The Crucifixion (Part 1)
Women wept for Jesus as He carried His cross to Calvary. Why did He tell them to weep rather for themselves and for their children? In this sermon, R.C. Sproul continues his exposition of the gospel of Luke to describe the grave judgment that awaited Israel for its rejection of the Messiah.
Transcript
This morning I will continue our study of the gospel according to Saint Luke. I will begin at Luke 23:26–36. I will ask the congregation please to stand for the reading of the Word of God:
And as they led him away, they seized one Simon of Cyrene, who was coming in from the country, and laid on him the cross, to carry it behind Jesus. And there followed him a great multitude of the people and of women who were mourning and lamenting for him. But turning to them Jesus said, “Daughters of Jerusalem, do not weep for me, but weep for yourselves and for your children. For behold, the days are coming when they will say, ‘Blessed are the barren and the wombs that never bore and the breasts that never nursed!’ Then they will begin to say to the mountains, ‘Fall on us,’ and to the hills, ‘Cover us.’ For if they do these things when the wood is green, what will happen when it is dry?”
This is Luke’s account of the events preceding the crucifixion of Jesus, supervised, superintended, and inspired by God the Holy Spirit. This is the truth of the Word of God. Please receive it as such and be seated. Let us pray.
Our Father and our God, when we consider the events of that day, when the greatest sacrifice ever made for humankind was offered in the perfect atonement of Christ on His cross, we shudder and tremble within ourselves to even think about it. Now, our Lord, we ask in this hour that the Word we have heard, the preaching we will hear, and the text will be so clear to us that in all these things You and You alone will be glorified. For we ask it in Jesus’ name. Amen.
Execution in the Outer Darkness
We read in Luke 23:26 that they led Jesus away, presumably from the judgment hall, alby way of the Via Dolorosa, also known as the Way of Sorrows. This route was taken to make sure that He would go outside the walls of Jerusalem to where He would be executed at Golgotha.

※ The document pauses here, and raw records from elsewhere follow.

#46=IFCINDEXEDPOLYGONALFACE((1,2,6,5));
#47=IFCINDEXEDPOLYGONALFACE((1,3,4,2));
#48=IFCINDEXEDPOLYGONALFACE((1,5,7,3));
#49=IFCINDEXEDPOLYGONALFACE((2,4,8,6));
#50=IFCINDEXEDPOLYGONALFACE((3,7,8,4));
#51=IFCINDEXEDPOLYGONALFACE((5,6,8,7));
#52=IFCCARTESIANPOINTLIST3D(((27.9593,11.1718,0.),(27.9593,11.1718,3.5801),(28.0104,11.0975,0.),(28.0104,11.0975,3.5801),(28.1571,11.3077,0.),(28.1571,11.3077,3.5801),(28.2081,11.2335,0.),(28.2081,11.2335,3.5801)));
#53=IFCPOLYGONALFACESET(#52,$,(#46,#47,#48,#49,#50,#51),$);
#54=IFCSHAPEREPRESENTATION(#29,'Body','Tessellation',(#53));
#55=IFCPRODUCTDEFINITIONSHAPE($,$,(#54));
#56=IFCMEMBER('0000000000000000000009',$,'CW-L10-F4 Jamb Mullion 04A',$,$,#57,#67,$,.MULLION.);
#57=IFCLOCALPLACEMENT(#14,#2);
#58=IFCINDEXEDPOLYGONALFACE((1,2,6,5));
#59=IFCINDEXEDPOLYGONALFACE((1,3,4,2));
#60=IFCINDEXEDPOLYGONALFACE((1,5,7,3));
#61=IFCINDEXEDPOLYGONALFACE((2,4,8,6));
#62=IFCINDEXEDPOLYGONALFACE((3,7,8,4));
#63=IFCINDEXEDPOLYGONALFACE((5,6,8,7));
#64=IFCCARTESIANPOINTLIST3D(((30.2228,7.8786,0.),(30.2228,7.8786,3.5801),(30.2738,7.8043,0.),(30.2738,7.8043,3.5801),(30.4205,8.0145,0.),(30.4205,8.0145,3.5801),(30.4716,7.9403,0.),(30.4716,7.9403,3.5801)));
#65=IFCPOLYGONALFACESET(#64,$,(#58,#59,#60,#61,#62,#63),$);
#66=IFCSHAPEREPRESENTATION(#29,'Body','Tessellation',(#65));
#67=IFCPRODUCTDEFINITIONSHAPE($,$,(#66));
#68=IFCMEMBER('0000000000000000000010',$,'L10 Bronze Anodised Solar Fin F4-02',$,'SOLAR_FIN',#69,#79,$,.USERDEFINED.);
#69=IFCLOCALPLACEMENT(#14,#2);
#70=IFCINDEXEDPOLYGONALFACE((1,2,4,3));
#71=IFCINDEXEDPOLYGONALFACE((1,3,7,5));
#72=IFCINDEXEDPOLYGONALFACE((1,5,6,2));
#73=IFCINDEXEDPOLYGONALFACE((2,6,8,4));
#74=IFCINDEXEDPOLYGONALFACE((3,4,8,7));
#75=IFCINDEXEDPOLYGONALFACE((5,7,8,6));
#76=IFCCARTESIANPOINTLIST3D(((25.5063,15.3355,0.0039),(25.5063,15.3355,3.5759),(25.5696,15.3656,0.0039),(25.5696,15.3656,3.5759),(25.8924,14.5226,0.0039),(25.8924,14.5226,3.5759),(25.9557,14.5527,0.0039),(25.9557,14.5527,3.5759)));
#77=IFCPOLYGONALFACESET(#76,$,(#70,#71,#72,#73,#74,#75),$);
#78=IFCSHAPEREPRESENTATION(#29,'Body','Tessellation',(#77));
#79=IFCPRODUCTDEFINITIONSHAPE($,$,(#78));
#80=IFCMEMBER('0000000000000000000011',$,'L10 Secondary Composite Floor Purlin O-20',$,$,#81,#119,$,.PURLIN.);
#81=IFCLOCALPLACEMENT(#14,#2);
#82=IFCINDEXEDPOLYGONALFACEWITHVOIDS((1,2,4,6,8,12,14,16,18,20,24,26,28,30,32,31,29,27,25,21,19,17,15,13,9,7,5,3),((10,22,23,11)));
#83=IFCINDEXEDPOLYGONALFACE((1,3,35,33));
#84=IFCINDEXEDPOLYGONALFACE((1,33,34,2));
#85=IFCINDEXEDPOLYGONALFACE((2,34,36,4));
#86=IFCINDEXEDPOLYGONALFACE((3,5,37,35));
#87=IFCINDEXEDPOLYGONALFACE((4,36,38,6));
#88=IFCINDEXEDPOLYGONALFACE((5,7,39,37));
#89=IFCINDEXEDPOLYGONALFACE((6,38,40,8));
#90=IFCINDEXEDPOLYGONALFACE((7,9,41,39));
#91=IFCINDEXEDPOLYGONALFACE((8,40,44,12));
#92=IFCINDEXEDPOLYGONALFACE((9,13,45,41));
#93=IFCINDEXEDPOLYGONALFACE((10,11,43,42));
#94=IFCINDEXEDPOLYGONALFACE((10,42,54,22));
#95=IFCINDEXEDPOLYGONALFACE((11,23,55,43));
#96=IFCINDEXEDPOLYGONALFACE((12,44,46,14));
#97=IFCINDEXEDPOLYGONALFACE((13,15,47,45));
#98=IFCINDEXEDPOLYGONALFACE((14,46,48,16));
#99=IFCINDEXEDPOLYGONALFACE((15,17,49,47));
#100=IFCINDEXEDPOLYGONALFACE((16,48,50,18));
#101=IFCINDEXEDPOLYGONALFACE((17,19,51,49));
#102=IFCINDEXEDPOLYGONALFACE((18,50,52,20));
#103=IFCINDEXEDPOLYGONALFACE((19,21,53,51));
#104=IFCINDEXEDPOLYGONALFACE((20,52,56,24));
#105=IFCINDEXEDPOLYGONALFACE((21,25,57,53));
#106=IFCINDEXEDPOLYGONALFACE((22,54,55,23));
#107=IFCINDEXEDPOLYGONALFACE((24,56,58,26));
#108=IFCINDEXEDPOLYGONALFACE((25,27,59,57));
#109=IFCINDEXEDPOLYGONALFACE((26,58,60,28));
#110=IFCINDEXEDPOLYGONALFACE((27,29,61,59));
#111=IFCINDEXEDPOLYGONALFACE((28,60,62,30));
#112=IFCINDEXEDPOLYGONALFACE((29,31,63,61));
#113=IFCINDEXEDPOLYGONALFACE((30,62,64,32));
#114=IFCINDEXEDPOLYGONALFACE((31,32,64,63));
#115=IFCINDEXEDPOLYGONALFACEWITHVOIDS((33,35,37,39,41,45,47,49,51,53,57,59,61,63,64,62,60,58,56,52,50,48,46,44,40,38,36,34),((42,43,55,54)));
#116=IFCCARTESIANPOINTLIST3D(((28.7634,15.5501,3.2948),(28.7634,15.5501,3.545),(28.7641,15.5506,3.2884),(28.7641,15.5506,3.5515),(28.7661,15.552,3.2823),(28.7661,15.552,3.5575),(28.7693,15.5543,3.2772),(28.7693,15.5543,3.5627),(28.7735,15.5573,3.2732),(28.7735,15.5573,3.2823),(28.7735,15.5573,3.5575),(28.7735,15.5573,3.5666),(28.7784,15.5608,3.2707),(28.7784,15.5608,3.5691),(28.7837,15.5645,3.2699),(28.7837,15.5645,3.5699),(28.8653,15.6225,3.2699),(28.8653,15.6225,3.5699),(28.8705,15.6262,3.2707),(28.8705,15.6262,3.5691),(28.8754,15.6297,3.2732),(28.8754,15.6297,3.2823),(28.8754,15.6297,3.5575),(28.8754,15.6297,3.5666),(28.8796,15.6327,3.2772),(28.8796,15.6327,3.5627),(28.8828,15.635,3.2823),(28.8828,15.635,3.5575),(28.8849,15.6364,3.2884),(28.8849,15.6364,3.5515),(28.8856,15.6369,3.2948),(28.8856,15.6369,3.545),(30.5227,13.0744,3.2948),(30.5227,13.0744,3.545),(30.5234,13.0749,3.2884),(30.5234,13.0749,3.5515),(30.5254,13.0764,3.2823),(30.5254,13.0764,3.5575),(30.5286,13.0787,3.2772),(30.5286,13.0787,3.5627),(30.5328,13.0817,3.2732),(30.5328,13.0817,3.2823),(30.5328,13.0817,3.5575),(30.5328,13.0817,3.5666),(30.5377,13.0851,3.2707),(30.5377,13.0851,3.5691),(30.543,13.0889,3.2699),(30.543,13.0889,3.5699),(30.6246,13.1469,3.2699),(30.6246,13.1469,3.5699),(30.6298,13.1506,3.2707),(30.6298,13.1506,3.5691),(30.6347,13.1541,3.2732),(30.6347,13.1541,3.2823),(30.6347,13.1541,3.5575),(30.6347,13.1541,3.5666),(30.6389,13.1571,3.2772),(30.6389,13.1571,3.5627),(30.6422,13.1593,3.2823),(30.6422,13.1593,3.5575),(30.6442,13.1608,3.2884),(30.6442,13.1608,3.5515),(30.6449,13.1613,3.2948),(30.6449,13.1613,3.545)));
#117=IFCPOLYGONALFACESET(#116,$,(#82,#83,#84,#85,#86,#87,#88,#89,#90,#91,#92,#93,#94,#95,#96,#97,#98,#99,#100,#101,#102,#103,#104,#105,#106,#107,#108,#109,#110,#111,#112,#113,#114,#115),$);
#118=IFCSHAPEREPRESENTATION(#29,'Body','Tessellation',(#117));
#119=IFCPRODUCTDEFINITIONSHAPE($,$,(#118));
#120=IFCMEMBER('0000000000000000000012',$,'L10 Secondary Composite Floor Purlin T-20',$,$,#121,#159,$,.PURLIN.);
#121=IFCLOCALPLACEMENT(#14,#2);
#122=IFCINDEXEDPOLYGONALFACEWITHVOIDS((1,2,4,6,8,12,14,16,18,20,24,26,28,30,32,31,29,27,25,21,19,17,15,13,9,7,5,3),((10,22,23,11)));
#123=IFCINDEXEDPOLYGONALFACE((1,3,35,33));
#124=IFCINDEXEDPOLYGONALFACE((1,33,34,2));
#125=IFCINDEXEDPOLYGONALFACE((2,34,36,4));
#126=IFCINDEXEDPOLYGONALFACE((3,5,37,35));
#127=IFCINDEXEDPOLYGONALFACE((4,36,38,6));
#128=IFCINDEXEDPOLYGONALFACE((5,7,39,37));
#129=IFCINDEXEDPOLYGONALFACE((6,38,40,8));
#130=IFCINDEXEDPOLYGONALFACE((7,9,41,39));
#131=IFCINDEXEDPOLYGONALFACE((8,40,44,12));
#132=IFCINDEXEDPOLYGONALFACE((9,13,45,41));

This was necessary to fulfill all the Old Testament symbolism with specific reference to the Day of Atonement. After the priest laid his hands upon the back of the scapegoat, symbolizing the transfer, or imputation, of the people’s guilt to the back of the goat, they would then drive the scapegoat into the wilderness, into the outer darkness, outside the camp, outside the place that enjoyed the presence of God. In all these details of fulfillment of the prophetic messages of the Old Testament, it was necessary that Jesus be killed outside the holy city of Jerusalem, in the land of outer darkness.
The Romans made it necessary for Jesus to carry His own cross, as was the custom for criminals who were to be executed, but Jesus had been more severely beaten than the average criminal. The scourging He endured was so mutilating to His flesh that the bones of His body could be clearly seen beneath the flesh. He was in a state of total exhaustion, and He simply did not have the strength to make the journey carrying the cross to the site of His execution.
So, Jesus stumbled, presumably just as He got outside of the gate of the city, within full view of perhaps tens of thousands of people gathered there for the spectacle of this execution. Just an aside, my guess is that of all the crucifixions that ever occurred outside the city of Jerusalem, this was almost certainly the most well-attended. Tens of thousands of people were there to celebrate the Passover. When the news moved through the crowd that this famous Jesus was about to be executed, people likely came from every corner of the city to witness the event.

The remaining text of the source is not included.